Last year I bought my first two rental properties in Michigan. I've been keeping paper receipts in folders all year (gutted and rehabbed them), didn't really have the time earlier to do anything else with them. Now I need to organize it all to give to my tax person. I had a small used car dealership years ago and the taxes seemed much simpler then. I hate everything involved in doing taxes, I gladly pay my CPA to do them for me. To put it bluntly, I want to do as little as I can with all this paperwork/receipts without being burdensome to my CPA. Homes are owned in my personal name and not as an LLC.

I've read somewhere (can't find it now) that expenses should be organized by the categories that the IRS defines. I assume I should at least do this. I also remember reading those categories and not seeing where the cost of tools went, I think there was a sub category for tool rental but not purchase of new tools. Again, from memory. Where can I find those categories? 

What about things I don't have a receipt for, like paying a kid down the street to mow the lawn and shovel snow? Total cost over the year was probably less than $200, in $20 increments. Paid Cash, no receipt. I take it this isn't deductible? 

Do I need to submit expenses broken down by house? Or all combined? If by house, then how to categorize things that apply to both houses like tool purchases or say, an umbrella policy?

Here's a big one... online purchase receipts. I don't want to print all these receipts out from emails. What do I do with all those receipts? Take screenshots and give them to the CPA in a zipfile?

Capital Expenditure questions... I just gutted and rehabbed the entire house before tenant moved in, I assume ALL of that is capex? Of course there are other expenses like pest control, etc but as far as things that would normally be repair/maintenance, like plumbing parts to replace a leaking hot water heater hose, are now capex because they are part of a brand new hot water heater install or a bathroom remodel? It's a bit confusing. Will the tax person know better, and should I leave it to them to categorize which receipts as which expense type? This wouldn't always be obvious though with the cryptic names items are sometimes given on receipts. Hell I don't know what half the items are anymore when I look at the receipts. 

The whole depreciation thing... how/where is all of this stuff being tracked? Is there a form my CPA files that I get back which will tell me how much has been depreciated already and how much I can deduct for depreciation the next year? Seems like a LOT of crap to track... windows, hot water heaters, electrical panel work, bathroom remodel, kitchen remodel, etc. This just seems daunting to me to keep and track some sort of breakdown for each individual thing that needs to be depreciated over time. 

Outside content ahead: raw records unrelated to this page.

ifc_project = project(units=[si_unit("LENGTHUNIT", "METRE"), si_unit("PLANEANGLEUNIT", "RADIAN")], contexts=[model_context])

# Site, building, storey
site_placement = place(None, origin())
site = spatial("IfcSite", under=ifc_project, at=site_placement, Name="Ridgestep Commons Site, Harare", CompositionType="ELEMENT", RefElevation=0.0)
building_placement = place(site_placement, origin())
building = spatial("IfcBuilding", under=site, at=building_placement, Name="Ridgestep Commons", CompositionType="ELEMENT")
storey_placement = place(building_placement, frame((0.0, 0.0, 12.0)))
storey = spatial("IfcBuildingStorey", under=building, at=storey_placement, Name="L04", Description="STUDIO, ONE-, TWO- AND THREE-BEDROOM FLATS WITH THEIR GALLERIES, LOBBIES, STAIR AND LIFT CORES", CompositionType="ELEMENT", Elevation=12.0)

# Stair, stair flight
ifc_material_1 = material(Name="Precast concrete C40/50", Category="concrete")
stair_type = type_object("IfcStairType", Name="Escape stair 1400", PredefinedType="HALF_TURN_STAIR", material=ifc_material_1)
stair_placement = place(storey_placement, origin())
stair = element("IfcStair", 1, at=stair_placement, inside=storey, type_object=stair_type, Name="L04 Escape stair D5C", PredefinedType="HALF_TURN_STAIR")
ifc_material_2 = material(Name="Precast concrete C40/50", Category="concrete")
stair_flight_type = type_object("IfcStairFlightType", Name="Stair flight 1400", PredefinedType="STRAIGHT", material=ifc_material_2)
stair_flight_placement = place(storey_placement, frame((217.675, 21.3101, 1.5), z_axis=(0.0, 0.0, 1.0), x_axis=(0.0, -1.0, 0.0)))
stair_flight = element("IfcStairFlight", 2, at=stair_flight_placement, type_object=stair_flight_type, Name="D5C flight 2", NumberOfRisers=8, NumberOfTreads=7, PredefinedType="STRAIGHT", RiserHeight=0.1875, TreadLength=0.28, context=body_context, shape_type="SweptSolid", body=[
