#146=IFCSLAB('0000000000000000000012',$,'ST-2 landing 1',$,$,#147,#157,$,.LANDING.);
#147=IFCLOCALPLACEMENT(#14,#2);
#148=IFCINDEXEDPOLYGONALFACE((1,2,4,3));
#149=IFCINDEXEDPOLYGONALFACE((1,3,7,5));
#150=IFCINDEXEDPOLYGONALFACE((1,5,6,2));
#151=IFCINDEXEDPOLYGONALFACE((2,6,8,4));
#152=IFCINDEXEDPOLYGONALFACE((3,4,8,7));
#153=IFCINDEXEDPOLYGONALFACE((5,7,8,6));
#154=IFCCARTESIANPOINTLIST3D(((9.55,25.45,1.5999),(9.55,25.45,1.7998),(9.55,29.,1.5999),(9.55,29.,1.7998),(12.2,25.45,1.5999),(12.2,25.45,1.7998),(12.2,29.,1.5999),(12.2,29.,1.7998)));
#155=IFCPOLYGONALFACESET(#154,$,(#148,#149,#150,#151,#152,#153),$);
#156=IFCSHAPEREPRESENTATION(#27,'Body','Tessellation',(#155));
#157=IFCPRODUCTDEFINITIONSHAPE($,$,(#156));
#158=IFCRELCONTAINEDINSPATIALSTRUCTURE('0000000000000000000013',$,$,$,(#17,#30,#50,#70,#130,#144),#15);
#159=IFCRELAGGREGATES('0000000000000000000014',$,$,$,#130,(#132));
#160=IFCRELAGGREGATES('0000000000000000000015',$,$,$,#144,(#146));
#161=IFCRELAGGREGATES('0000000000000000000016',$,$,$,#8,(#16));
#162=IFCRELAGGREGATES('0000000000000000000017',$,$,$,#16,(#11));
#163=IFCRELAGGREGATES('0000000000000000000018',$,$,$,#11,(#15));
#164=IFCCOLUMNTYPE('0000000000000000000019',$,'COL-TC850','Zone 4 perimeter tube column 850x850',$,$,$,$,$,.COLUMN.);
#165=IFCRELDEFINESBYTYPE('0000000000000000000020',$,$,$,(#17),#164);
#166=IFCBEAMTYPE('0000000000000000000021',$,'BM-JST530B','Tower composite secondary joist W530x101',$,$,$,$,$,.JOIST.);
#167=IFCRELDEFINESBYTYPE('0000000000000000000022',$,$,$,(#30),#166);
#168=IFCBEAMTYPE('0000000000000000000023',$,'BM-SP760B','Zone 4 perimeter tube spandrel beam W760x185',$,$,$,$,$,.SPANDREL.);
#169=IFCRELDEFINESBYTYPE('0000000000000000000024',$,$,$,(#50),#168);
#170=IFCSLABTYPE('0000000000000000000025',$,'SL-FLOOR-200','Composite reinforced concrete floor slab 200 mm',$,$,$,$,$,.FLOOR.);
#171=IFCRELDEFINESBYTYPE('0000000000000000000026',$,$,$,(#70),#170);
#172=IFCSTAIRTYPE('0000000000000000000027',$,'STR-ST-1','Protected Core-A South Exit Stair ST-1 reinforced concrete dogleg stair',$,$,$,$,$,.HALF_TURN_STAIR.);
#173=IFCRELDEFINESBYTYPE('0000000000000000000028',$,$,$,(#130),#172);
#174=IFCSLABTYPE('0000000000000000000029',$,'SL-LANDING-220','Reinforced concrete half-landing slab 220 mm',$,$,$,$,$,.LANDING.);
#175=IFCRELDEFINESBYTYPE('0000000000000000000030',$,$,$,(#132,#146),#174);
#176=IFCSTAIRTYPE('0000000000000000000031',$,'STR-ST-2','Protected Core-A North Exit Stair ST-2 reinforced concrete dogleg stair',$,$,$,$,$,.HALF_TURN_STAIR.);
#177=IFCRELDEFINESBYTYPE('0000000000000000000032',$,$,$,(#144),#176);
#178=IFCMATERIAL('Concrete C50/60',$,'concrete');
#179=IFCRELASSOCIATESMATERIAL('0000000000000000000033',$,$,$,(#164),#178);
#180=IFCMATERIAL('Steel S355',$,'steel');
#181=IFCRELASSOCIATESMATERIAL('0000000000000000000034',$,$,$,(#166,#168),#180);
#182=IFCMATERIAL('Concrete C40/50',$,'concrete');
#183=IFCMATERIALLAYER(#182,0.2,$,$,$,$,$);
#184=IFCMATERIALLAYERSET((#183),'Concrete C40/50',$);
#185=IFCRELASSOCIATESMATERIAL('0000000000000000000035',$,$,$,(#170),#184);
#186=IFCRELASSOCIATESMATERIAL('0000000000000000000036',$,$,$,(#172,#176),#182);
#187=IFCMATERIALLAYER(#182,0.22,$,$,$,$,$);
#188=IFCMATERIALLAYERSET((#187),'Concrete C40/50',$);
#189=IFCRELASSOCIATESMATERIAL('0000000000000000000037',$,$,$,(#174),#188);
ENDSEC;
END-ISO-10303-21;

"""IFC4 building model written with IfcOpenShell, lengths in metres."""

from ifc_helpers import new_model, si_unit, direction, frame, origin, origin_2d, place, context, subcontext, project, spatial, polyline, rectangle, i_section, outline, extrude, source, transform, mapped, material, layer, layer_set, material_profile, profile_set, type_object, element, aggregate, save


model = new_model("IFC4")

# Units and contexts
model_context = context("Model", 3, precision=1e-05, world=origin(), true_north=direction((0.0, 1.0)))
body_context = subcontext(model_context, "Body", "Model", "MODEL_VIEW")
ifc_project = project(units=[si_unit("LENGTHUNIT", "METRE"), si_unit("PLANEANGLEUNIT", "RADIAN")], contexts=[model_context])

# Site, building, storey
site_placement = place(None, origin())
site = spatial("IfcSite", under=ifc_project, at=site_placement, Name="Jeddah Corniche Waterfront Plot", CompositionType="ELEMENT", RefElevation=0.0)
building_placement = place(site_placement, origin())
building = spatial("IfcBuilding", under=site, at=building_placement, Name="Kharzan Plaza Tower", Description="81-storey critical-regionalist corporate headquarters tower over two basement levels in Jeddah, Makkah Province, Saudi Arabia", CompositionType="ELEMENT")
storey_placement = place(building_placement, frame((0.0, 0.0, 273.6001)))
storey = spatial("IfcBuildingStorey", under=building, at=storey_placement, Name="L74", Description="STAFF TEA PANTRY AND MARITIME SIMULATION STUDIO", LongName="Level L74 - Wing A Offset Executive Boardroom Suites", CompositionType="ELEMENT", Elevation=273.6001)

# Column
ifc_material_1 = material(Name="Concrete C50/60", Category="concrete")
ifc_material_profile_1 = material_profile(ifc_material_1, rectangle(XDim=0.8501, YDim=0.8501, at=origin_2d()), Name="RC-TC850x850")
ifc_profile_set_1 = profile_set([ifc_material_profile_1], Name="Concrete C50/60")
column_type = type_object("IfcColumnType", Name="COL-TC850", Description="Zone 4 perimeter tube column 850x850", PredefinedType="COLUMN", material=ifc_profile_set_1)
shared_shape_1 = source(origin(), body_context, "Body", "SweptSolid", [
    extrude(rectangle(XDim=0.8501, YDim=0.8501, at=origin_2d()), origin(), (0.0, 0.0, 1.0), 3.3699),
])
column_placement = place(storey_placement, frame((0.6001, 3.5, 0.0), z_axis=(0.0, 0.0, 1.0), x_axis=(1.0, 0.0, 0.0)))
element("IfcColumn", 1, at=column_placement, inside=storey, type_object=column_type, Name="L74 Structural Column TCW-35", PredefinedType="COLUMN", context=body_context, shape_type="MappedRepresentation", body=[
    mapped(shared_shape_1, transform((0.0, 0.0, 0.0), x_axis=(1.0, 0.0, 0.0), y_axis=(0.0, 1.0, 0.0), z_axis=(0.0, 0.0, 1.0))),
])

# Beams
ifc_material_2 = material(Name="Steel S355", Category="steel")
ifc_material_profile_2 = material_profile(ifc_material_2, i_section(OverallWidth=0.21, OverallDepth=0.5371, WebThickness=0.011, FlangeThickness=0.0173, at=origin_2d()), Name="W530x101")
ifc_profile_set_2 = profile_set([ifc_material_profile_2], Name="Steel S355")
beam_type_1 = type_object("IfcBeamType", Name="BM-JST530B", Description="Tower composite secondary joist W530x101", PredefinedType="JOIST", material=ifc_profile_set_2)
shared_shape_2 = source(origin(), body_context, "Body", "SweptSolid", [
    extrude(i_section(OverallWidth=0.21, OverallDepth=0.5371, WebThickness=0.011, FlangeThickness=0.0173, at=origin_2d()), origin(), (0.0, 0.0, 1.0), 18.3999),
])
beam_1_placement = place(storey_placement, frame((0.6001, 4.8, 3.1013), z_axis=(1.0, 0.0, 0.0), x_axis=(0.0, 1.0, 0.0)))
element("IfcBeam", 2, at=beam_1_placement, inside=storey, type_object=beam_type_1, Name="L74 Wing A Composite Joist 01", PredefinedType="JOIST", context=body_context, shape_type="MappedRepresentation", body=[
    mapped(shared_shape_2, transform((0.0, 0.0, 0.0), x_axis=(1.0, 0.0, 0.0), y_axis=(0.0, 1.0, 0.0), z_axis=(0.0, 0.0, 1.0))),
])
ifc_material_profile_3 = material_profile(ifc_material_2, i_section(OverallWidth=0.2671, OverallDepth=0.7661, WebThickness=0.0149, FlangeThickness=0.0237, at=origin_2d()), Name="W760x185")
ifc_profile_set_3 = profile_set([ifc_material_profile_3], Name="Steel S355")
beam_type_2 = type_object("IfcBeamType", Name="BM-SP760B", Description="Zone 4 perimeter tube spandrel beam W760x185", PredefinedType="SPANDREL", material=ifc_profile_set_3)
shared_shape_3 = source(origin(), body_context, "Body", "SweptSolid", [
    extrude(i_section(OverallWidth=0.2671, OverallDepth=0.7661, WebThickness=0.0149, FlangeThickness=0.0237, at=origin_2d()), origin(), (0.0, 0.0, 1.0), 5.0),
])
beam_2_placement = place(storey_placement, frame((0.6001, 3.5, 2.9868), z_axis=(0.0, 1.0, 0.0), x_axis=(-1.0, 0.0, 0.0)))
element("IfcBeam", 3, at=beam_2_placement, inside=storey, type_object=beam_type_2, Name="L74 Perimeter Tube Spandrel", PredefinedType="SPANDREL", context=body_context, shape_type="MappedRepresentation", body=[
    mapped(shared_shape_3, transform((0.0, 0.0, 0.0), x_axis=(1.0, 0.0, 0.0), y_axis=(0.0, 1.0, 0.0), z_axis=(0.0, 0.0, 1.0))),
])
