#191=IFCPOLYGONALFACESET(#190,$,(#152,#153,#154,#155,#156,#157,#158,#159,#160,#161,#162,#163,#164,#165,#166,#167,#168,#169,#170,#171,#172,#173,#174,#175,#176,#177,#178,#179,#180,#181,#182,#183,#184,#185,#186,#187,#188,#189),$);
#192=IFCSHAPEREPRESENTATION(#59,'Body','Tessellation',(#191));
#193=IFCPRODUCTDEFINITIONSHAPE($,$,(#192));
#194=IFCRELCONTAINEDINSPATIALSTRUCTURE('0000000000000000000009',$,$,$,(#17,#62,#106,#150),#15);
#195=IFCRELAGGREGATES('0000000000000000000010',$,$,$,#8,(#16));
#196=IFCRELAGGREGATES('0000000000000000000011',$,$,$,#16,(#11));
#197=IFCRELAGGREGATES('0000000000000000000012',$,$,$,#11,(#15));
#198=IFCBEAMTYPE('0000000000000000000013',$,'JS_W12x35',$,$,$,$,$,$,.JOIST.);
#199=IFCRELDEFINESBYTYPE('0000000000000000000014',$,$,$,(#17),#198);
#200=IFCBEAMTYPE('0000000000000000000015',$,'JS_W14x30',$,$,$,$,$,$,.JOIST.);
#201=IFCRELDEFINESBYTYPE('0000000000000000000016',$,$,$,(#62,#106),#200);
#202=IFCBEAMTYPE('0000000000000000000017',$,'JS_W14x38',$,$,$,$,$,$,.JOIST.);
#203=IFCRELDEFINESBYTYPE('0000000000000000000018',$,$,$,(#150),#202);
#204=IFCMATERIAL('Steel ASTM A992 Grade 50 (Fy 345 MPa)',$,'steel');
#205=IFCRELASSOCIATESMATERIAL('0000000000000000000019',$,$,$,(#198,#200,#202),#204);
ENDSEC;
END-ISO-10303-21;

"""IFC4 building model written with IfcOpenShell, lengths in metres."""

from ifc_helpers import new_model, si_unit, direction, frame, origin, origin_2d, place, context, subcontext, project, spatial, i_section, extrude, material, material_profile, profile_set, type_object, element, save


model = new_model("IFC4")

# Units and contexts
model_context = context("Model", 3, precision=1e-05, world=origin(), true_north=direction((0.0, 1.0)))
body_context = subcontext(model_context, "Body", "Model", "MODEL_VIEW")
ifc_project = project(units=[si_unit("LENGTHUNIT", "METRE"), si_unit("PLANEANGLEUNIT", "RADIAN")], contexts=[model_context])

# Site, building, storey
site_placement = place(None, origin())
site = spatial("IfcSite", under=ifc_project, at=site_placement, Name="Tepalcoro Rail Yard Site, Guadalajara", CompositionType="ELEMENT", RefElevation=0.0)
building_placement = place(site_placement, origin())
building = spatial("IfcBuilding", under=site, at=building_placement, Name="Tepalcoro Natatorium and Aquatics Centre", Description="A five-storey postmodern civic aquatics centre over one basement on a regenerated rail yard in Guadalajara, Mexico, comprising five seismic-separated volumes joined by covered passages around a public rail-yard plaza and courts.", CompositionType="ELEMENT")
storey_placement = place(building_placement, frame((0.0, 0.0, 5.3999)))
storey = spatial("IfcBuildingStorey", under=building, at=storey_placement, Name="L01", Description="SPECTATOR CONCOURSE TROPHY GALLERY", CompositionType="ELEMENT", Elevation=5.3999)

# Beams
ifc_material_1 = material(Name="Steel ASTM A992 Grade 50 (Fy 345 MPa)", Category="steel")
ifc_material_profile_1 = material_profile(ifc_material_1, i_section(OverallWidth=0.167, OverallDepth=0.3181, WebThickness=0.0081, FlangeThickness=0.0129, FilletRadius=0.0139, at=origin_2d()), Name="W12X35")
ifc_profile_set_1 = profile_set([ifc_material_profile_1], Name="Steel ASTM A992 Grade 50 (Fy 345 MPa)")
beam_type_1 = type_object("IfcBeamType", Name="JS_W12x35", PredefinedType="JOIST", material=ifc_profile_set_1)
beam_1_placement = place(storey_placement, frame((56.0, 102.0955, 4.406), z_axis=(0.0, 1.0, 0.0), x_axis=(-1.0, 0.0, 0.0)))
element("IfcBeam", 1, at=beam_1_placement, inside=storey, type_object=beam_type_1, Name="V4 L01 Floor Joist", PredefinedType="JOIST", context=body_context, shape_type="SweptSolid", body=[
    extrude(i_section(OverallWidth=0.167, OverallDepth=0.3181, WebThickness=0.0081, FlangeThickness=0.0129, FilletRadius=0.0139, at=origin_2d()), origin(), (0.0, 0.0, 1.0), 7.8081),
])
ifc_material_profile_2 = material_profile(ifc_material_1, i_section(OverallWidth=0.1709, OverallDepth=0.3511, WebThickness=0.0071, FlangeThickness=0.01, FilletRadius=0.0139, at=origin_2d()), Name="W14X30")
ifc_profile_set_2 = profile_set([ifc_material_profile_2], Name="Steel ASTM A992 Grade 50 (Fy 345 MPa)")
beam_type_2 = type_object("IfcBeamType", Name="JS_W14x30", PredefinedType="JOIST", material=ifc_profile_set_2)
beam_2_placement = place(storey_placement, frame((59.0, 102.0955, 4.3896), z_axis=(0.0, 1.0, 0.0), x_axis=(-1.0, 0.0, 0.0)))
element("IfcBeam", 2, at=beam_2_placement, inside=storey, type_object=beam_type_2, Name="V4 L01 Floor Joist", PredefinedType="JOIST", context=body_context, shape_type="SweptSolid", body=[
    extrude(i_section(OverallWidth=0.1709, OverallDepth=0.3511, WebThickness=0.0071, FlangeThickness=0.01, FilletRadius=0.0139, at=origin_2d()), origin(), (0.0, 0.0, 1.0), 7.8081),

I've been keeping a mileage log for driving since I bought the houses. Every time I drive, I categorize my entry as personal, commute or business. I live 24 miles each way from the homes (they are right next door to each other). 99% of the time when I drive from home to the houses it's for rehab work, at least until I finish the second house. I am under the assumption that the drive from my house to the rental homes is considered a commute and is NOT tax deductible, is this correct? Os it it tax deductible under certain circumstances, say a tenant is locked out and I need to open the door? I know that my drive from the rental homes to Home Depot, etc it's considered business, but that's basically all I've been counting as business... drive from the rental house to anywhere for tools, materials etc. Just wondering what else is considered business. What if I leave from my own house to buy a used washing machine from craigslist, is that business? Is the washing machine a write off if I pay cash for it and get a hand written receipt? 

I just need a little help getting this all going, and making sure I don't piss off my CPA. Also, I'd like to get some sort of system in place to make this suck less next year. It sounds like a lot of extra work scanning receipts and labeling all that stuff digitally though. Does that really save any time from just going through a stack of receipts at the end of the year and adding them all up?